Demand is price elastic if a change in price causes a bigger percentage change in demand. It will have a PED of greater than one.
- % change in price 3/27 = 0.111
- % change in Q.D – 30/80 = – 0.375
- In the above example, the PED = -3.37
Goods will tend to be price elastic with the following characteristics:
- Many substitutes. If consumers have many alternatives, demand will be more sensitive to price. For example, if the price of one type of mineral water (Vittel) increases, people can easily switch to other brands.
- Competitive markets. Related to the first point. If markets are very competitive then demand will be more sensitive to price and therefore demand will be more elastic
- High percentage of income. Luxury goods which are a high percentage of income will be more sensitive to price.

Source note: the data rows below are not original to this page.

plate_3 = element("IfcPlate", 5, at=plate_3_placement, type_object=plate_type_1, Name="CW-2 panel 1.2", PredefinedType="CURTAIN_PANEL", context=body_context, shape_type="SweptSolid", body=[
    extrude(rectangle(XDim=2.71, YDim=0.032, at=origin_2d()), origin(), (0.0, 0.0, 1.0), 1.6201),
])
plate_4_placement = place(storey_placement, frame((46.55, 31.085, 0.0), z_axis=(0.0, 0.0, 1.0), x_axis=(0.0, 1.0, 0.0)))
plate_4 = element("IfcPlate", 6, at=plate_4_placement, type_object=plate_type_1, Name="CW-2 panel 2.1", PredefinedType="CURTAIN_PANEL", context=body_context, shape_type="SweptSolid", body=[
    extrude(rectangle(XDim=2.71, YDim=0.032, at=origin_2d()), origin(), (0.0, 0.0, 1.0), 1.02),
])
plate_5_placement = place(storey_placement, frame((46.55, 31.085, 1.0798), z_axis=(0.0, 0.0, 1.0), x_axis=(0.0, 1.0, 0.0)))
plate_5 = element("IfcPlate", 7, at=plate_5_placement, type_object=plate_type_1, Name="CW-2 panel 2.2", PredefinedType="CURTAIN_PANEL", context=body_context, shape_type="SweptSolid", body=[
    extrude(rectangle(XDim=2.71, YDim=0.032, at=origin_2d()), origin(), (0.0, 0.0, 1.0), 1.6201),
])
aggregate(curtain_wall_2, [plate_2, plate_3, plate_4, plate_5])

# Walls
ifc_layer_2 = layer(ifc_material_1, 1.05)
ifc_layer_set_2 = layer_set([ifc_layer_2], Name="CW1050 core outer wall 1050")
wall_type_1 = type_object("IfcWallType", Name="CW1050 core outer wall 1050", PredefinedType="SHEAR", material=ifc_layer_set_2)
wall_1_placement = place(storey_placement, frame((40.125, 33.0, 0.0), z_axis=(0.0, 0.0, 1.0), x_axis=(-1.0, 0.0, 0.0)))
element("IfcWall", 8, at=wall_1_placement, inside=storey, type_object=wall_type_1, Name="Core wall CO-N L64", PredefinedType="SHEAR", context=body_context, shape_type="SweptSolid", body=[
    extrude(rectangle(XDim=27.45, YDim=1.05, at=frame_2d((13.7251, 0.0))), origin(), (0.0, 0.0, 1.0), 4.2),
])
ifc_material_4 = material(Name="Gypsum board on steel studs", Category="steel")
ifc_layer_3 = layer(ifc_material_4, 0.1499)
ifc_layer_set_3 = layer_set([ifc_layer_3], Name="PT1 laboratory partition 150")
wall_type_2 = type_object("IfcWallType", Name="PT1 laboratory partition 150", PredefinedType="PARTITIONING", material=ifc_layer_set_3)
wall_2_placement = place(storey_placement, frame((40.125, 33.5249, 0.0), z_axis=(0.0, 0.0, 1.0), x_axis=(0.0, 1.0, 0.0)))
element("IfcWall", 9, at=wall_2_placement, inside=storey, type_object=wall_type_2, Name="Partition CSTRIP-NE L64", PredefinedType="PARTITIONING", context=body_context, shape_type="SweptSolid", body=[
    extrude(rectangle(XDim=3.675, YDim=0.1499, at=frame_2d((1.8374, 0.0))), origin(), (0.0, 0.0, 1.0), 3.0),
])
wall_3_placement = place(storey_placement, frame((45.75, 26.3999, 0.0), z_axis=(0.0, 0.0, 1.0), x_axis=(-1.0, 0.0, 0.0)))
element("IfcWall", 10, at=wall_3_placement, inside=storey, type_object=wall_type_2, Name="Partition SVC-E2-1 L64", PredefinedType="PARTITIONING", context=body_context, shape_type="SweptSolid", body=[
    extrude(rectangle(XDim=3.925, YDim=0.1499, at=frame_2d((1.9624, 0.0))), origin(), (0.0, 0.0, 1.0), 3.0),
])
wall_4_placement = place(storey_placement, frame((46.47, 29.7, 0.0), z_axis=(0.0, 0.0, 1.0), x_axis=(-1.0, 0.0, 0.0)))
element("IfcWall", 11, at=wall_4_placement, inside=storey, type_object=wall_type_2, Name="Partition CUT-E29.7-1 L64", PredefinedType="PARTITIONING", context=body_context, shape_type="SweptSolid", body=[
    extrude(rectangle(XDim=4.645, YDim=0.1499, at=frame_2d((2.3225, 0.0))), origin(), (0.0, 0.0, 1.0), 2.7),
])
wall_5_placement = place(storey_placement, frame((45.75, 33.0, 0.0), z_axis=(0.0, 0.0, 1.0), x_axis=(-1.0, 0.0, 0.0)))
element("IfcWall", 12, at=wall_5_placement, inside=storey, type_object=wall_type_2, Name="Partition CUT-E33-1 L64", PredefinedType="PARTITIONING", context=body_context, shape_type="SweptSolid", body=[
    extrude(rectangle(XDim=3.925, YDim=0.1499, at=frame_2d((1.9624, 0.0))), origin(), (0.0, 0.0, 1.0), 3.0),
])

If the price goes up, less people will be able to afford it.
- Bought frequently. If we bread every day, we may be more sensitive to changes in price.
Examples of elastic demand
- Dairy milk chocolate bar – there are many other types of chocolate bars to choose from. Note – if chocolate in general increased in price, demand would be inelastic, but for particular types of chocolate demand is elastic.
- Ryanir flights to the continent. An increase in the price of flights from London to Paris would encourage people to take the Channel Tunnel. Also, if flights increase people will not be able to afford it and will choose to take their holiday in the UK.
Tax on a good with elastic demand
With elastic demand, a tax will cause only a small rise in price. There will be a big fall in demand. Most of the tax will be borne by the producer. The consumer burden (increase in price) will be quite small.
Perfectly Elastic Demand
If demand is perfectly elastic, it means that at a certain price demand is infinite (A good with a very high elasticity of demand). In other words if a firm increased price by 1%, it would see all its demand evaporate. If demand is perfectly elastic, then demand will be horizontal.
Examples of Perfectly Elastic Demand
Foreign currency exchange. If you are buying foreign currency, it is likely to exhibit the features of perfect competition. A buyer could choose from many different sellers. The product (e.g. dollars) is identical. Perfect information about cheapest would be easy to find.
Therefore, if one firm increased the price of dollars, above market equilibrium – no one would buy from that firm. They would buy from cheaper alternatives.
Similarly if you are buying potatoes from Covent garden, it is easy to check prices. Therefore, if a farmer increases price above the equilibrium demand will fall significantly, meaning demand is very elastic.
Diagram of Perfect Competition
In a perfectly competitive market it is assumed a firm would have a perfectly elastic demand. This is because if they increased the price, the consumers with perfect information would switch to other firms who offer the identical product.
In perfect competition, we say a firm is a price taker. This means it’s demand curve is perfectly elastic, it has to accept the market price.